幻(フレア)〜誘拐事件から始まった運命の愛〜
@bibibi39
第1話 午前10時の少年
本田絵里の家でみずほと絵里はテーブル座り、テレビをつけたまま、自分の世界でお絵描きをしていた。みずほは時折、テレビに目を向けては教育番組をみたりしていた。
「はい、今日はこれで番組はおしまいです。全国の小学生の皆さん、よい夏休みをー!」教育テレビのお姉さんは手を振った。番組が終わると川柳の番組に切り替わり、絵里はリモコンでチャンネルを変えた。絵里は適当にチャンネルを変えていくとニュース番組に切り替えた。

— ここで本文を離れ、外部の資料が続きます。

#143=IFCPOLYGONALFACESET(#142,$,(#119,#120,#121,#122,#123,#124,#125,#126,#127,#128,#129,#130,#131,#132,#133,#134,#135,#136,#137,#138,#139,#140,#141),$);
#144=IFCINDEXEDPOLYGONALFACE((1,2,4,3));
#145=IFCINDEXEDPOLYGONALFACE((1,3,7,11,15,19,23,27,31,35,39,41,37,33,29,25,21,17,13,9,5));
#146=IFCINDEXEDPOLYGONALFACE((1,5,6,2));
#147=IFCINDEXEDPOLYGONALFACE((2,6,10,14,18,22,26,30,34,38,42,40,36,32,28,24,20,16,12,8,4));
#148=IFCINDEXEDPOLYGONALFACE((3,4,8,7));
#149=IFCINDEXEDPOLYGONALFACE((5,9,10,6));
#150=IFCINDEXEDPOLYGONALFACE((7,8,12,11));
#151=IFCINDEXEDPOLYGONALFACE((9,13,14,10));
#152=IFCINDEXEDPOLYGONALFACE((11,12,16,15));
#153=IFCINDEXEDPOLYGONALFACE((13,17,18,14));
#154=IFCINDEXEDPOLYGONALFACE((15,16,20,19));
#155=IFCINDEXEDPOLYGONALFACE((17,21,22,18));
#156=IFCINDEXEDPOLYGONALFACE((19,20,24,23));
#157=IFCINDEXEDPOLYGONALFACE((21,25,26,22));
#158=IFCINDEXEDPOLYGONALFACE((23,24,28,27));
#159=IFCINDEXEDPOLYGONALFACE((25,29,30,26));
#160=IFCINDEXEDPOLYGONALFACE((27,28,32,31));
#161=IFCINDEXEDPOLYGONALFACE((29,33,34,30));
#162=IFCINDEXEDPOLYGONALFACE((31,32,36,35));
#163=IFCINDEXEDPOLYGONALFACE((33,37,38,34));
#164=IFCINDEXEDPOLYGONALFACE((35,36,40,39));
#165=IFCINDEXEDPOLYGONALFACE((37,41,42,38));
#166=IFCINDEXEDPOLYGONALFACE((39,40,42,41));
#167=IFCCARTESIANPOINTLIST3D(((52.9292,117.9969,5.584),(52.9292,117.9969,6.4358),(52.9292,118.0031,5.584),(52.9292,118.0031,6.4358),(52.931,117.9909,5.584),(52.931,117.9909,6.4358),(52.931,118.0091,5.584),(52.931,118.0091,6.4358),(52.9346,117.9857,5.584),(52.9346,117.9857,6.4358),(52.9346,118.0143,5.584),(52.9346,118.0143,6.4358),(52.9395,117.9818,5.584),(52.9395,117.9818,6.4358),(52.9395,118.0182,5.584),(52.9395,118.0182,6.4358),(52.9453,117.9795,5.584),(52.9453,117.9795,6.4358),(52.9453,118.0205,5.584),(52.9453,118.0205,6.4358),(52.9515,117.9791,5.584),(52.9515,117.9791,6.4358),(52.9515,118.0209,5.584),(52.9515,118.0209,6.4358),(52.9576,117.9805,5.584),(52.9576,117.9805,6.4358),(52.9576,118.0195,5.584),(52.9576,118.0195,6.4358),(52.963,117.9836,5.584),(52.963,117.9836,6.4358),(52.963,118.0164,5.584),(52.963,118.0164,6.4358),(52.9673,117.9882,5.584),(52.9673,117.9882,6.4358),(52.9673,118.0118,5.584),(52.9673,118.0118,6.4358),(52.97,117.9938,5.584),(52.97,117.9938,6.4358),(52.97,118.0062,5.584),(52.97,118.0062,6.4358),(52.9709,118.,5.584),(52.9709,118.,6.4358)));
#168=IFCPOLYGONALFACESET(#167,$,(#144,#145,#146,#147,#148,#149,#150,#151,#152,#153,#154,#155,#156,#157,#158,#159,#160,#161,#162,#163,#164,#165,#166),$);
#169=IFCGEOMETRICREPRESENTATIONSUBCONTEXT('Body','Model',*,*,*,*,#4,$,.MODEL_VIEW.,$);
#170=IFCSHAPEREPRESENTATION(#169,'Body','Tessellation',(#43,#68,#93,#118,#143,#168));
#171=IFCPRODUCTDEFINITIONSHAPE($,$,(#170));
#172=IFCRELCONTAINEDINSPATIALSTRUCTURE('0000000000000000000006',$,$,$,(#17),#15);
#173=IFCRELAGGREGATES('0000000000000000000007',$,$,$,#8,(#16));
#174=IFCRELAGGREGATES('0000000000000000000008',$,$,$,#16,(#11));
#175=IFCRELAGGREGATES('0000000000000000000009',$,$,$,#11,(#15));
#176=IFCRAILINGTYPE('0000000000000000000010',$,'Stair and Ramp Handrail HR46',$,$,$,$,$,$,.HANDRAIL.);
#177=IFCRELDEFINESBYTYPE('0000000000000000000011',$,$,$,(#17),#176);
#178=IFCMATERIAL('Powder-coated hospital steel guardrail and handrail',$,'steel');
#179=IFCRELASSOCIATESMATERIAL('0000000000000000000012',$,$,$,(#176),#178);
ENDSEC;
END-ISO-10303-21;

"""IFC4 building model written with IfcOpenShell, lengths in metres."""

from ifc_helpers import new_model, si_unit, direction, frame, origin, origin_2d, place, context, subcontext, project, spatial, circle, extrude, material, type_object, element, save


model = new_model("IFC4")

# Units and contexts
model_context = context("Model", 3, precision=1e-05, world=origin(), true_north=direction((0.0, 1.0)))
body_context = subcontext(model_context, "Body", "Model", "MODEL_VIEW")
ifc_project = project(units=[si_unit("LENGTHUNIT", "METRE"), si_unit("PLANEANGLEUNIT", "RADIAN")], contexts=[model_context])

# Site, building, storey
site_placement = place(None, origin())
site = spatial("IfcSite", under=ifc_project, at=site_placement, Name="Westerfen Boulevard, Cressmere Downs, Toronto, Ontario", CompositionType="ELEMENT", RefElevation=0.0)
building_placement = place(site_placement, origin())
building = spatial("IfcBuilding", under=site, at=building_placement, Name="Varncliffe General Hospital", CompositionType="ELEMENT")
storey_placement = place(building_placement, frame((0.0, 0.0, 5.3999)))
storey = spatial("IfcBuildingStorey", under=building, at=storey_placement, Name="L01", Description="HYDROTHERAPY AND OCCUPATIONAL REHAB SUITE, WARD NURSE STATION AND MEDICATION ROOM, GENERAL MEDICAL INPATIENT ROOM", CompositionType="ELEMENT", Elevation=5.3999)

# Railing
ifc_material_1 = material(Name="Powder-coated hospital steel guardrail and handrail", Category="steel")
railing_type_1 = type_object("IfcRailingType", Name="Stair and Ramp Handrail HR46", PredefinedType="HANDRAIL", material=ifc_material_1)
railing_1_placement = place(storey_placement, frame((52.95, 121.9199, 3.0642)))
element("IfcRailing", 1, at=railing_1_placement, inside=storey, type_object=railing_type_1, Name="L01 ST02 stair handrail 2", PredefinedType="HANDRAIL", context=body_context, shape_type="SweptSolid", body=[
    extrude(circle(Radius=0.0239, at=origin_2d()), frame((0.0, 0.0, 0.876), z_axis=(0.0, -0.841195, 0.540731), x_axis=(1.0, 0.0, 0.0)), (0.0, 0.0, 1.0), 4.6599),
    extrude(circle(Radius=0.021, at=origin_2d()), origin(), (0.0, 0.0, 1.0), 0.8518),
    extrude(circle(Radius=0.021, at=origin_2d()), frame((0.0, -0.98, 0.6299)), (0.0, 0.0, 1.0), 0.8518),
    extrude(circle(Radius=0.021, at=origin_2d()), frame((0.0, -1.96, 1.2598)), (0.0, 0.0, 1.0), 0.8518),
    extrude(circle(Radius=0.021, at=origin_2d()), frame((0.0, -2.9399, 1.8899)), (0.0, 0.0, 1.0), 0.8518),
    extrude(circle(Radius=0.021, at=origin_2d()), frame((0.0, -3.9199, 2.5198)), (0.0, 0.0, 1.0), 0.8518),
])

「はい、ここからニュースです。3日前、愛媛県松山市で小学校4年生の蔵田悠人くんが家に戻らないまま行方不明になっています。現地から中継です。藤村さーん」
みずほと絵里は思わず顔を見合わせた。
「隣街じゃん!!」絵里はみずほに問いかけた。
「うん」みずほも絵里に首をふった。
<3日前にこの小学校に通う蔵田悠人くんがこの校門を出てから家に戻ることなく行方不明になっているんです>テレビのワイドショーの女性は淡々とニュースを伝えているがみずほも絵里もすぐ近くの隣の街での出来事にいささか驚きを隠せずにいた。
ふたりはテレビに釘付けになってみていた。
「ねぇ、となり街のあの校門ってうちの名門でお金もちが通う学校じゃない?」絵里はみずほにいった。
「たしかに!たしかに!唯一のおぼっちゃま学校じゃん。えー、あそこの子が誘拐されたってことはやっぱり、金目的の誘拐だよね!!」
「うん、それしかないよね。普通男の子って誘拐するかな?女の子ならほら、いろいろ理由がありそうだけれど、小学校4年生っていったらそこそこ大きいし、乱暴目的ではないと思うし、もしそうならかなりの変態だろうし、やはりあそこは県で唯一のおぼっちゃまだから、身代金目的かなぁ?」絵里は空想しながらいった。
「どうだろう?でもなんか怖いねっ!」みずほはしみじみいった。
「ホント、ホント、明日は我が身じゃないけれど、気をつけなきゃね」絵里もうなづいた。
<それでは夏休みになりました。夏休みのお子様たちの為に夏休みといえば、お化け屋敷・・・という訳で今日はお化け屋敷の特集です!!>
「あっ、あっー!!」みずほは突如素っ頓狂な声をあげた。みずほの突然の奇声に絵里は戸惑いを隠せないようにみずほを不思議そうな目で見つめた。
「ど、どーしたの?」
「今、思い出したの!!」
「何を?」
「向かいの家でみた幽霊のことを!」
「みずほちゃん、幽霊をみたの?」
「うんっー!それもラジオ体操から帰ってきたばかりの10時ごろに二回もみたの!!」みずほは思い出すとおぞましそうに両腕をさすった。
「どんな風にみえたの?」
「窓ガラスが数センチ空いていてこちらを覗き込むようにこうやって見ているんだよ」みずほは下から上を見上げるような真似をしてみせた。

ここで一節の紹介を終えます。